Verify whether the following are zeroes of the polynomial, indicated against them.

(i) p(x) = 3x + 1 , x = – $\frac{1}{3}$

(ii) p(x) = 5x – π , x = $\frac{4}{5}$
(iii) p(x) = x² – 1 , x = 1 , – 1
(iv) p(x) = (x+1) (x-2) , x = -1 , 2
(v) p(x) = x², x = 0
(vi) p(x) = lx+m , x = – $\frac{m}{l}$
(vii) p(x) = 3x²-1 , x = – $\frac{1}{\sqrt{3}}$ , $\frac{2}{\sqrt{3}}$
(viii) p(x) = 2x + 1 , x = $\frac{1}{2}$

Solution:

(i) p(x) = 3x + 1 , x = – $\frac{1}{3}$

p(- $\frac{1}{3}$ ) = 3 ( – $\frac{1}{3}$ ) + 1

= $- \frac{3}{3}$ + 1

= – 1 + 1

= 0

– $\frac{1}{3}$ is a zeros of p(x)

(ii) p(x) = 5x – π , x = $\frac{4}{5}$

p( $\frac{4}{5}$ ) = 5 ( $\frac{4}{5}$ ) – π

= $\frac{20}{5}$ – π

= 4 – π

x = $\frac{4}{5}$ is not zeros of p(x)

(iii) p(x) = x² – 1 , x = 1 , – 1

p(x) = x² – 1

p( 1 ) = 1² – 1

= 1 – 1

= 0

x = 1 is a zeros of p(x)

p(x) = x² – 1

p(-1) = -1² – 1

= 1 – 1

= 0

x = – 1 is a zeros of p(x)

(iv) p(x) = (x+1) (x-2) , x = – 1 , 2

p(x) = (x+1) (x-2)

p(-1) = (-1 + 1) (-1 – 2)

= 0 ( – 3 )

= 0

x = – 1 is a zeros of p(x)

p(x) = (x+1) (x-2)

p(2) = (2 + 1) (2 – 2)

= ( 3 ) ( 0 )

= 0

x = 2 is a zeros of p(x)

(v) p(x) = x², x = 0

p(x) = x²

p(0) = (0)²

= 0

x = 0 is a zeros of p(x)

(vi) p(x) = lx + m , x = – $\frac{m}{l}$

p(x) = lx + m

p(– $\frac{m}{l}$ ) = l (– $\frac{m}{l}$ ) + m

= – $\frac{l\times m}{l}$ + m

= – m + m

= 0

x = – $\frac{m}{l}$ is a zeros of p(x)

(vii) p(x) = 3x²-1 , x = – $\frac{1}{\sqrt{3}}$ , $\frac{2}{\sqrt{3}}$

p(x) = 3x²-1

p(– $\frac{1}{\sqrt{3}}$ ) = 3(– $\frac{1}{\sqrt{3}}$ )² – 1

= $\frac{3\times 1}{3}$ – 1

= 1 – 1

= 0

x = – $\frac{1}{\sqrt{3}}$ is a zeros of p(x)

p(x) = 3x²-1

p( $\frac{2}{\sqrt{3}}$ ) = 3( $\frac{2}{\sqrt{3}}$ )² – 1

= $\frac{3\times 4}{3}$ – 1

= 4 – 1

= 3 ≠ 0

x = $\frac{2}{\sqrt{3}}$ is not a zeros of p(x)

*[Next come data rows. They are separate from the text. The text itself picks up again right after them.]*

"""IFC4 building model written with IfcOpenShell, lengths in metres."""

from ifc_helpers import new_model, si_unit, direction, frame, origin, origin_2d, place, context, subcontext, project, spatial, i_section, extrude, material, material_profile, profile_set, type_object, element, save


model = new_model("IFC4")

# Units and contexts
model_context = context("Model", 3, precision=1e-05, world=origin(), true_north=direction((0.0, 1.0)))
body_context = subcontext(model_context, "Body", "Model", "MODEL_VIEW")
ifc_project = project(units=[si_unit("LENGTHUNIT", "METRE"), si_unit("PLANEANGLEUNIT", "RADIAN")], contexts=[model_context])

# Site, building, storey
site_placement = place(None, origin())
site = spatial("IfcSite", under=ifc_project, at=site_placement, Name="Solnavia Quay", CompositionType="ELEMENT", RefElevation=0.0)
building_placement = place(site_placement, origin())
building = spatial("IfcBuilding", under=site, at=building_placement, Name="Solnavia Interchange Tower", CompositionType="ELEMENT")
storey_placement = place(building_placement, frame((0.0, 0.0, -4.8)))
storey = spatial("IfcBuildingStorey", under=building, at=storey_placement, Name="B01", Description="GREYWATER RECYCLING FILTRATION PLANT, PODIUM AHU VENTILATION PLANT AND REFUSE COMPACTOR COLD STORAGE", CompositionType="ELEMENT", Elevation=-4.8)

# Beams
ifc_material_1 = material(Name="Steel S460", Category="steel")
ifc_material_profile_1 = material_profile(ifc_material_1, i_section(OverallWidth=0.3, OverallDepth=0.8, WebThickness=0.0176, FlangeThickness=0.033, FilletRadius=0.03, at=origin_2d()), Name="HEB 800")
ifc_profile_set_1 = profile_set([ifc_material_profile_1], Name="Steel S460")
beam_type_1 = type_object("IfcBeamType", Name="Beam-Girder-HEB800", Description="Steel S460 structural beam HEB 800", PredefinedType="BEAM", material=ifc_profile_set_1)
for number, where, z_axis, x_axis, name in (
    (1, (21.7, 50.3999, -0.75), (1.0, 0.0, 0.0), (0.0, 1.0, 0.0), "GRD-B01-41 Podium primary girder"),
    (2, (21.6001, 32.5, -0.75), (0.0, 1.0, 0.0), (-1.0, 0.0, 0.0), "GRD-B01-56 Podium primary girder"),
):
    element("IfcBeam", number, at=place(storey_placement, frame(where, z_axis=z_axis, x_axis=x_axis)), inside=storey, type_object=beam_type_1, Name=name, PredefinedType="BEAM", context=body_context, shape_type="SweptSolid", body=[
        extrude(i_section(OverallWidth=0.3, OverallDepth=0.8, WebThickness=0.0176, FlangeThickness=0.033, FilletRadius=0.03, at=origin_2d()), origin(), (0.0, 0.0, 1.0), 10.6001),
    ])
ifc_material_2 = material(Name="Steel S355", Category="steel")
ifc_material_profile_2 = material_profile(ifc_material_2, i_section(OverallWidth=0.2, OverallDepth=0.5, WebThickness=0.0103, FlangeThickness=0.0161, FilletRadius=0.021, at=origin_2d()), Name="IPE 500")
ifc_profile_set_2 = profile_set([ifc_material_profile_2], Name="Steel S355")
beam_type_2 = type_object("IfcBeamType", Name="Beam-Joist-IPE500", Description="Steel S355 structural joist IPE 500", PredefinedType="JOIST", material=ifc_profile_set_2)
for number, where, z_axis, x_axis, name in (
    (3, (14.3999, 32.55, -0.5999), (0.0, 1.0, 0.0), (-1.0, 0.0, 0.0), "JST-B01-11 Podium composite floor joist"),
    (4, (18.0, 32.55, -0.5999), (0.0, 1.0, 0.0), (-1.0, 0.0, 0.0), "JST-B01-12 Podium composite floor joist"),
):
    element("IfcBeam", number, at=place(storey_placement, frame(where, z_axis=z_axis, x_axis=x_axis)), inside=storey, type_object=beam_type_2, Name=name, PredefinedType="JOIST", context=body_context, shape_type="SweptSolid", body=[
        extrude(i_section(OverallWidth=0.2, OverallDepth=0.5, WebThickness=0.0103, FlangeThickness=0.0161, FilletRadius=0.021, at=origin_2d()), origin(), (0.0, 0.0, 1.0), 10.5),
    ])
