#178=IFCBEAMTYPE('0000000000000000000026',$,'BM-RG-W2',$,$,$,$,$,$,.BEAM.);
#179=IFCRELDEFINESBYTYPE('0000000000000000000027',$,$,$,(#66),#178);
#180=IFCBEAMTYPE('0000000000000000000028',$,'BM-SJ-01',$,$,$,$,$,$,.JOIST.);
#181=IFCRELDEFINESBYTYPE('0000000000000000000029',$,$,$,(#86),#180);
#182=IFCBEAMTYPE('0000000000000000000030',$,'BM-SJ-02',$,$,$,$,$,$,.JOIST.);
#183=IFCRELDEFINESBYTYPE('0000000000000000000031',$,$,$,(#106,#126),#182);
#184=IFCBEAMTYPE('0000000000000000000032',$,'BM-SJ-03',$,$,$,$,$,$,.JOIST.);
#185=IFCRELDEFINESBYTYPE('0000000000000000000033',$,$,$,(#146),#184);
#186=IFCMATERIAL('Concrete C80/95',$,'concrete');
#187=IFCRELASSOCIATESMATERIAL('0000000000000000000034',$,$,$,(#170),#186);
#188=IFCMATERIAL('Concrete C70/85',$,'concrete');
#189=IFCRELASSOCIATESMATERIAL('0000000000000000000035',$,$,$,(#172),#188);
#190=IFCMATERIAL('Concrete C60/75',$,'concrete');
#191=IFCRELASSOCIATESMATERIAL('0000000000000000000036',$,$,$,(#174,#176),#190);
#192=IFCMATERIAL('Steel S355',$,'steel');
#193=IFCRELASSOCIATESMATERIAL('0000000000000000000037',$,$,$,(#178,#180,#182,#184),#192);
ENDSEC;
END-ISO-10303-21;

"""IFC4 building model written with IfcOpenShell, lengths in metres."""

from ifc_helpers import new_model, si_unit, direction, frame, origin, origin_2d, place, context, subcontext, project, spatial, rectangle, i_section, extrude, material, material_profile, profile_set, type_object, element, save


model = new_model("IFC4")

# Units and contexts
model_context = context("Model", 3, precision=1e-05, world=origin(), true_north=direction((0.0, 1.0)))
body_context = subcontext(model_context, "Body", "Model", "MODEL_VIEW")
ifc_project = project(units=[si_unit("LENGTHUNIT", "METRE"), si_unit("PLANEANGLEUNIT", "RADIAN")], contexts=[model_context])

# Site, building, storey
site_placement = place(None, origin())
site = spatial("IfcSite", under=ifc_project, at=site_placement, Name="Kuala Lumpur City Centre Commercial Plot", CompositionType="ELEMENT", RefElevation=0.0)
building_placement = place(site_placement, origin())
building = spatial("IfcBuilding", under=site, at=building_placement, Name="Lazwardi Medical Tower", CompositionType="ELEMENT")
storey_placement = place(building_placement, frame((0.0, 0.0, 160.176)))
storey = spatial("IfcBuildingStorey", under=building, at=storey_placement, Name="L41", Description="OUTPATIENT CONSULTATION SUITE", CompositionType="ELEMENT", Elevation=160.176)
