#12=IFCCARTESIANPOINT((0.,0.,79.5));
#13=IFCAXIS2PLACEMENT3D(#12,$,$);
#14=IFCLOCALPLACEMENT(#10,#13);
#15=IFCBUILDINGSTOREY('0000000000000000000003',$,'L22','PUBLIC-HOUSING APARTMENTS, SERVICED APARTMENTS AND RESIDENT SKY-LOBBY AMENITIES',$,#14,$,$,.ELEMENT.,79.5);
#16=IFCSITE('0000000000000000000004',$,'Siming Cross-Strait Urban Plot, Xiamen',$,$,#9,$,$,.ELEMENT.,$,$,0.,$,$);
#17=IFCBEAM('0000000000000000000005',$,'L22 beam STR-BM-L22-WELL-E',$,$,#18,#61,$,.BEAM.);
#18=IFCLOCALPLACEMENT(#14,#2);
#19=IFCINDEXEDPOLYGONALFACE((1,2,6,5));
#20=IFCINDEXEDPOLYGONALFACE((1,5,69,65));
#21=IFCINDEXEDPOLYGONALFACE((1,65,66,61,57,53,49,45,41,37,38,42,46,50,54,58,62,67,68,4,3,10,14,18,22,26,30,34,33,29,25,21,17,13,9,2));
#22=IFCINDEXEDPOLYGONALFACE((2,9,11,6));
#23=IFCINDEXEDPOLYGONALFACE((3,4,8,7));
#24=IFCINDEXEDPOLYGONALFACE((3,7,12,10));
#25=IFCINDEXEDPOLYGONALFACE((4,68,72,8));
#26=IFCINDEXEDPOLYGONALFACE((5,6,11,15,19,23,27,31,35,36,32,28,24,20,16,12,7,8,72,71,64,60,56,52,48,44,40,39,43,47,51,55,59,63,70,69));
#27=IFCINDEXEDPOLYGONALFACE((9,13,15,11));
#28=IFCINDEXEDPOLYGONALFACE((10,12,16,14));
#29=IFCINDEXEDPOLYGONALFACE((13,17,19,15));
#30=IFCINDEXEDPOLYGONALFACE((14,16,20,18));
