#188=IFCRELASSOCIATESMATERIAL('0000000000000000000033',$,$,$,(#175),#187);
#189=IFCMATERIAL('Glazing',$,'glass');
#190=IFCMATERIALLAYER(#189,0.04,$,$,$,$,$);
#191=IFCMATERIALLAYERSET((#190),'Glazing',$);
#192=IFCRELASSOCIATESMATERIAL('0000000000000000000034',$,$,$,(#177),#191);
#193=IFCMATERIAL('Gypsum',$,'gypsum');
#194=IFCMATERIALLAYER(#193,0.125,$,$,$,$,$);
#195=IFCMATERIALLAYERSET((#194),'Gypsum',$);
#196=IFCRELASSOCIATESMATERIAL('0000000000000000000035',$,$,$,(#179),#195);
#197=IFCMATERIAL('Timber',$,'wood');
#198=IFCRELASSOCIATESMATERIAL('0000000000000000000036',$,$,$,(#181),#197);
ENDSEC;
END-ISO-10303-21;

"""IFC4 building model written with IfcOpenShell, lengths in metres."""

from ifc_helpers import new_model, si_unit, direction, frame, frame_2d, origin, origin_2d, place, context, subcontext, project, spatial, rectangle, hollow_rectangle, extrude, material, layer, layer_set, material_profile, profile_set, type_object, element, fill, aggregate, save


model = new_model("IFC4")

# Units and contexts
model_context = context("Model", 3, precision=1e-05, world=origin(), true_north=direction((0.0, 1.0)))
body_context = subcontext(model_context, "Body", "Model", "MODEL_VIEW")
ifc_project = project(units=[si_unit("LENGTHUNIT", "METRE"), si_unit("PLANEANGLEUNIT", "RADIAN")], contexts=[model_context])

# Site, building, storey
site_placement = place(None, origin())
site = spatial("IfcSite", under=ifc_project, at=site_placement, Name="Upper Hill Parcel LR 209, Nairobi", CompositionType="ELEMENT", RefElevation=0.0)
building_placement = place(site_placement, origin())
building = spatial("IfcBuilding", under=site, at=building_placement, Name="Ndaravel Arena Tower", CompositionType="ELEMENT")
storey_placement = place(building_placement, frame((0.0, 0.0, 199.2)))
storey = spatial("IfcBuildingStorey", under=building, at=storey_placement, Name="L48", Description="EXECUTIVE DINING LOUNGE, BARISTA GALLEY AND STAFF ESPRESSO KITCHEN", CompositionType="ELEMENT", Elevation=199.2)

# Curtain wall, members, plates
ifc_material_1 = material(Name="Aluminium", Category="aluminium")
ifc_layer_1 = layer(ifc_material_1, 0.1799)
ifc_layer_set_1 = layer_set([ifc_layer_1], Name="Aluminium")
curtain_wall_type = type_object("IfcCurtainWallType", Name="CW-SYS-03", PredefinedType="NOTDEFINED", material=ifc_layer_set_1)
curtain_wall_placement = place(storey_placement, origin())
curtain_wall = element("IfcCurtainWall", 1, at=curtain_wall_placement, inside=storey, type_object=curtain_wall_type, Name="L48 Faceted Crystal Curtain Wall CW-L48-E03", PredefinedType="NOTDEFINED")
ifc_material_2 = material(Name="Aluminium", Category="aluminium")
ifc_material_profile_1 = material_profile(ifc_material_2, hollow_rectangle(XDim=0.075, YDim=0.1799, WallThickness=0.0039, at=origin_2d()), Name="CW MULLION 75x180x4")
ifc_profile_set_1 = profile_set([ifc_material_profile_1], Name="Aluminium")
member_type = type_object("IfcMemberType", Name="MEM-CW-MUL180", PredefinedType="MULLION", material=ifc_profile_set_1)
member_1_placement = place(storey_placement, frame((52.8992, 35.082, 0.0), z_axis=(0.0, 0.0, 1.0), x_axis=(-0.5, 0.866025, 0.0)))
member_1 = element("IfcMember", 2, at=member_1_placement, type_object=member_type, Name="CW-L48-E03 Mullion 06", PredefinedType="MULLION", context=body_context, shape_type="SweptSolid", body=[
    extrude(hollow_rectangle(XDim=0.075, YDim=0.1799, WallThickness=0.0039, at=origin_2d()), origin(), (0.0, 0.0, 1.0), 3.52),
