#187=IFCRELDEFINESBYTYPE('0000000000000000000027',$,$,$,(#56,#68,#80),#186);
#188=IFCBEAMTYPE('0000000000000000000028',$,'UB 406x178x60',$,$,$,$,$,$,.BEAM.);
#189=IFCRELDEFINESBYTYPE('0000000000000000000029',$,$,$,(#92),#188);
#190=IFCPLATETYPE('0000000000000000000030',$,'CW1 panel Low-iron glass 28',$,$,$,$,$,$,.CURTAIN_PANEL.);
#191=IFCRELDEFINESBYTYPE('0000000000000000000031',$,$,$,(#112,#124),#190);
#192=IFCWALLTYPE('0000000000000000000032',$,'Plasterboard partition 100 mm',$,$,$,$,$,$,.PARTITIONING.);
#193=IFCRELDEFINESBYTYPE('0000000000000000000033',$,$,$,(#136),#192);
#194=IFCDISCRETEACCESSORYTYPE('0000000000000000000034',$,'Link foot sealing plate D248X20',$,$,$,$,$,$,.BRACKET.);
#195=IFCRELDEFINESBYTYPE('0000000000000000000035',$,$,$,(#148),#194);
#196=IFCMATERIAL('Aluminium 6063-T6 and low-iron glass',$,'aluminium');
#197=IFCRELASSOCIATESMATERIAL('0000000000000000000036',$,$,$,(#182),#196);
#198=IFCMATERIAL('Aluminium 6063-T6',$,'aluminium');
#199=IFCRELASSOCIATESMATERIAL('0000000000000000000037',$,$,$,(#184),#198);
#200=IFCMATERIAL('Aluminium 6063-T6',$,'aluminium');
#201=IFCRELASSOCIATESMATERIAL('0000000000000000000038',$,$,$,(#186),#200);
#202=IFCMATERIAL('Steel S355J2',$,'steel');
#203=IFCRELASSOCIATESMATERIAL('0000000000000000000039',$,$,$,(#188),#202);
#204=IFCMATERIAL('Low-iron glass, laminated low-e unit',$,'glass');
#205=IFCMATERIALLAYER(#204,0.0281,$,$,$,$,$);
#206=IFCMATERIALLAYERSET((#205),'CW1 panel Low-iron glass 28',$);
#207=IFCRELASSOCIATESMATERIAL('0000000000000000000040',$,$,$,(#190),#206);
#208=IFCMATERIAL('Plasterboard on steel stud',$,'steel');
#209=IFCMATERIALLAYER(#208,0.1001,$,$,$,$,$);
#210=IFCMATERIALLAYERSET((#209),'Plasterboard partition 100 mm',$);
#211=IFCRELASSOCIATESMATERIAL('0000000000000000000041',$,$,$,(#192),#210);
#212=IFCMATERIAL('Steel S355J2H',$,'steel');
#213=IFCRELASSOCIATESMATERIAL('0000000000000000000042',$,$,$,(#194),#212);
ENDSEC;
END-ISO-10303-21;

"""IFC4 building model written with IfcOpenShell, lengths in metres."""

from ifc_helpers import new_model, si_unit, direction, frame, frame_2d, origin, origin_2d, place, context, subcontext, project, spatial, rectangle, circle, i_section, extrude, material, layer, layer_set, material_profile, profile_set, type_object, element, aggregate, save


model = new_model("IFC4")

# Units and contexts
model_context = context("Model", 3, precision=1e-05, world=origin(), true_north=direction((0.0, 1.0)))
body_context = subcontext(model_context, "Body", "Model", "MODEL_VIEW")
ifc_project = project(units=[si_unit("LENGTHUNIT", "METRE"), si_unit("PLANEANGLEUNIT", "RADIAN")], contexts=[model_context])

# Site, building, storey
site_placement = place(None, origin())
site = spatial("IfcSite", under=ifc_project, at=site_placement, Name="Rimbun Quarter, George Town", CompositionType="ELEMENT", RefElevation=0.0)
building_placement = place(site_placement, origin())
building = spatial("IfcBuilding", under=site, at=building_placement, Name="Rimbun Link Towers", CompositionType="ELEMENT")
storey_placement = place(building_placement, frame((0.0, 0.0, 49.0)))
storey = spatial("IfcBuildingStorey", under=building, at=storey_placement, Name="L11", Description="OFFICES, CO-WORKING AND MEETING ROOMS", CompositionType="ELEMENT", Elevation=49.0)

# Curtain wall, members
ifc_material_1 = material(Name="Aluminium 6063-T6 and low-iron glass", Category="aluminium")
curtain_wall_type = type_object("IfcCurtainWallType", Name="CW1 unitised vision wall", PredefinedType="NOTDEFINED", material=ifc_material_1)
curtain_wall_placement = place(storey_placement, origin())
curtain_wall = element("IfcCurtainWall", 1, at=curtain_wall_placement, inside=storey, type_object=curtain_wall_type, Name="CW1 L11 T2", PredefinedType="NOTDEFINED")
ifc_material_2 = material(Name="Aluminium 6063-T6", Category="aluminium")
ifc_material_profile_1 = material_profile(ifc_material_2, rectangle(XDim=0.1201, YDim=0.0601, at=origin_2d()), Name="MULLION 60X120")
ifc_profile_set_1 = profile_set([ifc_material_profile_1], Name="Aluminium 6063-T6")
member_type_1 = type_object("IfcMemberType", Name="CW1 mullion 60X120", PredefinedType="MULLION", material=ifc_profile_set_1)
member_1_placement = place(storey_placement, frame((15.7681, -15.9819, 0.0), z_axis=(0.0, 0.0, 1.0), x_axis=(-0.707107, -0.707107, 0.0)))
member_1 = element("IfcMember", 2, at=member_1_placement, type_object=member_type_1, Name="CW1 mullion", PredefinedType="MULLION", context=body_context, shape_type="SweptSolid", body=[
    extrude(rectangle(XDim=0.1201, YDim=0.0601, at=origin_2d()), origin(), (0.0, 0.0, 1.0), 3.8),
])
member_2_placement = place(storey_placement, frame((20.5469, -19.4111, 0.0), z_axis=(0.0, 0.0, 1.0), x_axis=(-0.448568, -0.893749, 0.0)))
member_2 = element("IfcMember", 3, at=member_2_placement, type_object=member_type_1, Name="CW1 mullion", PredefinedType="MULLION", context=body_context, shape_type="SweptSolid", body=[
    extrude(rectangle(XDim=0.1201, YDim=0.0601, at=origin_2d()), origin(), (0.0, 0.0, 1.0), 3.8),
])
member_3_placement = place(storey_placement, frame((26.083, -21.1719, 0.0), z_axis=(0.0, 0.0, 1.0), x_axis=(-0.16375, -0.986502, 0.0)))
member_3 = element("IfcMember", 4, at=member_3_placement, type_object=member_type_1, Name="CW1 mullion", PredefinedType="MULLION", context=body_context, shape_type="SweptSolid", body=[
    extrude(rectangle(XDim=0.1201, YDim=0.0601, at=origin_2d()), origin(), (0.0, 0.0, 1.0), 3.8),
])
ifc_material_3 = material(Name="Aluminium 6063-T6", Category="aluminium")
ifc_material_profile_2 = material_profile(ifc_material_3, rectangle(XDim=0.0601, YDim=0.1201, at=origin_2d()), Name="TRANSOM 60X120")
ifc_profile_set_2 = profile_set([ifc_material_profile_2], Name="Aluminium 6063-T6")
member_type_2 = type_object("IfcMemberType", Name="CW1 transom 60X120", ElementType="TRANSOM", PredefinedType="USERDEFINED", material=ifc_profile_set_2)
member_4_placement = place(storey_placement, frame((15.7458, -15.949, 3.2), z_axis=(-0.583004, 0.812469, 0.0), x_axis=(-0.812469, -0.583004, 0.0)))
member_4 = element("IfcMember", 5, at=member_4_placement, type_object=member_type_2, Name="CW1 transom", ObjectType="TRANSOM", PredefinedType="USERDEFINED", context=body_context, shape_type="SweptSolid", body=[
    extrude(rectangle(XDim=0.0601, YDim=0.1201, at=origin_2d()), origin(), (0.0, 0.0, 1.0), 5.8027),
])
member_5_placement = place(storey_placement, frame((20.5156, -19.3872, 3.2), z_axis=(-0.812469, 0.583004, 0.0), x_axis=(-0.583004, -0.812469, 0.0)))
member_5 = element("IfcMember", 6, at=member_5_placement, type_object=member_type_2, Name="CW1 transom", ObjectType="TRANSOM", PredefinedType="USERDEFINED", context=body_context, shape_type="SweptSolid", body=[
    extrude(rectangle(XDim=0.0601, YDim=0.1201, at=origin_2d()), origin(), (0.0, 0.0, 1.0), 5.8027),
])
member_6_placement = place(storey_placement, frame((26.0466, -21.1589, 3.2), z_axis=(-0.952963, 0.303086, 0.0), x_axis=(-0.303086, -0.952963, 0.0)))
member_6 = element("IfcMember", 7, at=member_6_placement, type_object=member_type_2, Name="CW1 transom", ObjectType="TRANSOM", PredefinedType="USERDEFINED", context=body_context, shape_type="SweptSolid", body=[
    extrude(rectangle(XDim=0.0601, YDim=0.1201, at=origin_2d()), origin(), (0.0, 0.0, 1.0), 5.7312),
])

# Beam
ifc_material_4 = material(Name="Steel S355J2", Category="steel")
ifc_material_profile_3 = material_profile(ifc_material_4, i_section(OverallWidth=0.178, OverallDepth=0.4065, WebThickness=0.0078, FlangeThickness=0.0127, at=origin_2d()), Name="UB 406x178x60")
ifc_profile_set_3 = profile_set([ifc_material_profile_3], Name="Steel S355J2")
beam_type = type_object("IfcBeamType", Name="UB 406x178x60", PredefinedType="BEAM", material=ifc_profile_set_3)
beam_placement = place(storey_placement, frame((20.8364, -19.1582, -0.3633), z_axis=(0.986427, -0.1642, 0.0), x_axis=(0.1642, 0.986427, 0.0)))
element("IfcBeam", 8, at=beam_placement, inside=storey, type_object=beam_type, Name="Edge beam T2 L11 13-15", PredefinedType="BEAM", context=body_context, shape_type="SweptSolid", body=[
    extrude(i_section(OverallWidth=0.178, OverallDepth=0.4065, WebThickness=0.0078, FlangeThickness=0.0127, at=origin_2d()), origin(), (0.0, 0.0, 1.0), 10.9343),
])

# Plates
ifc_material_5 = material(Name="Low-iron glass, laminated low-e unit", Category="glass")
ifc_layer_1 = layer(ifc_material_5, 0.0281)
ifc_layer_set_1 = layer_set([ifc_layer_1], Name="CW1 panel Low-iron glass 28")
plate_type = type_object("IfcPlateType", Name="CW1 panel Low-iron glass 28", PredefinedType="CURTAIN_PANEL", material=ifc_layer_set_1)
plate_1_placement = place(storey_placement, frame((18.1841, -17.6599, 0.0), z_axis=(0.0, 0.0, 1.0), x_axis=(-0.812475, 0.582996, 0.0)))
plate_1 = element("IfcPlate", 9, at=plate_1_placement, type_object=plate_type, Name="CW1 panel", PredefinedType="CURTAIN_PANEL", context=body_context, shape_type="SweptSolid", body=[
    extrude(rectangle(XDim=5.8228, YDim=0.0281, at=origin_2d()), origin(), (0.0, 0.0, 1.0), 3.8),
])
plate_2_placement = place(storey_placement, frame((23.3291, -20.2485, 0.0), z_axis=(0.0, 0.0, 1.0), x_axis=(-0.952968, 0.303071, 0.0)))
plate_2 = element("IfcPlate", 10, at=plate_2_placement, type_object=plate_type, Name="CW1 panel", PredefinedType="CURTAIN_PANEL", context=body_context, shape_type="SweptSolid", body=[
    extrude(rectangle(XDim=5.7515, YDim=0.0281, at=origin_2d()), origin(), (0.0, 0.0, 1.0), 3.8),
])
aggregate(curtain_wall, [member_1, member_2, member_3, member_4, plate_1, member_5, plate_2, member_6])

(viii) p(x) = 2x + 1 , x = $\frac{1}{2}$

p(x) = 2( $\frac{1}{2}$ ) + 1

= $\frac{2\times 1}{2}$ + 1

= 1 + 1

= 2 ≠ 0

x = $\frac{1}{2}$ is not a zeros of p(x)

Ex 2.2 Class 9 Maths Question 4.
Find the zero of the polynomial in each of the following cases :
(i) p(x) = x + 5
(ii) p(x) = x – 5
(iii) p(x) = 2x + 5
(vi) p(x) = 3x – 2
(v) p(x) = 3x

Solution:

(i) p(x) = x + 5

now p(x) = 0

then , x + 5 = 0

x = – 5

$\therefore$ – 5 is a zero of the polynomial p(x).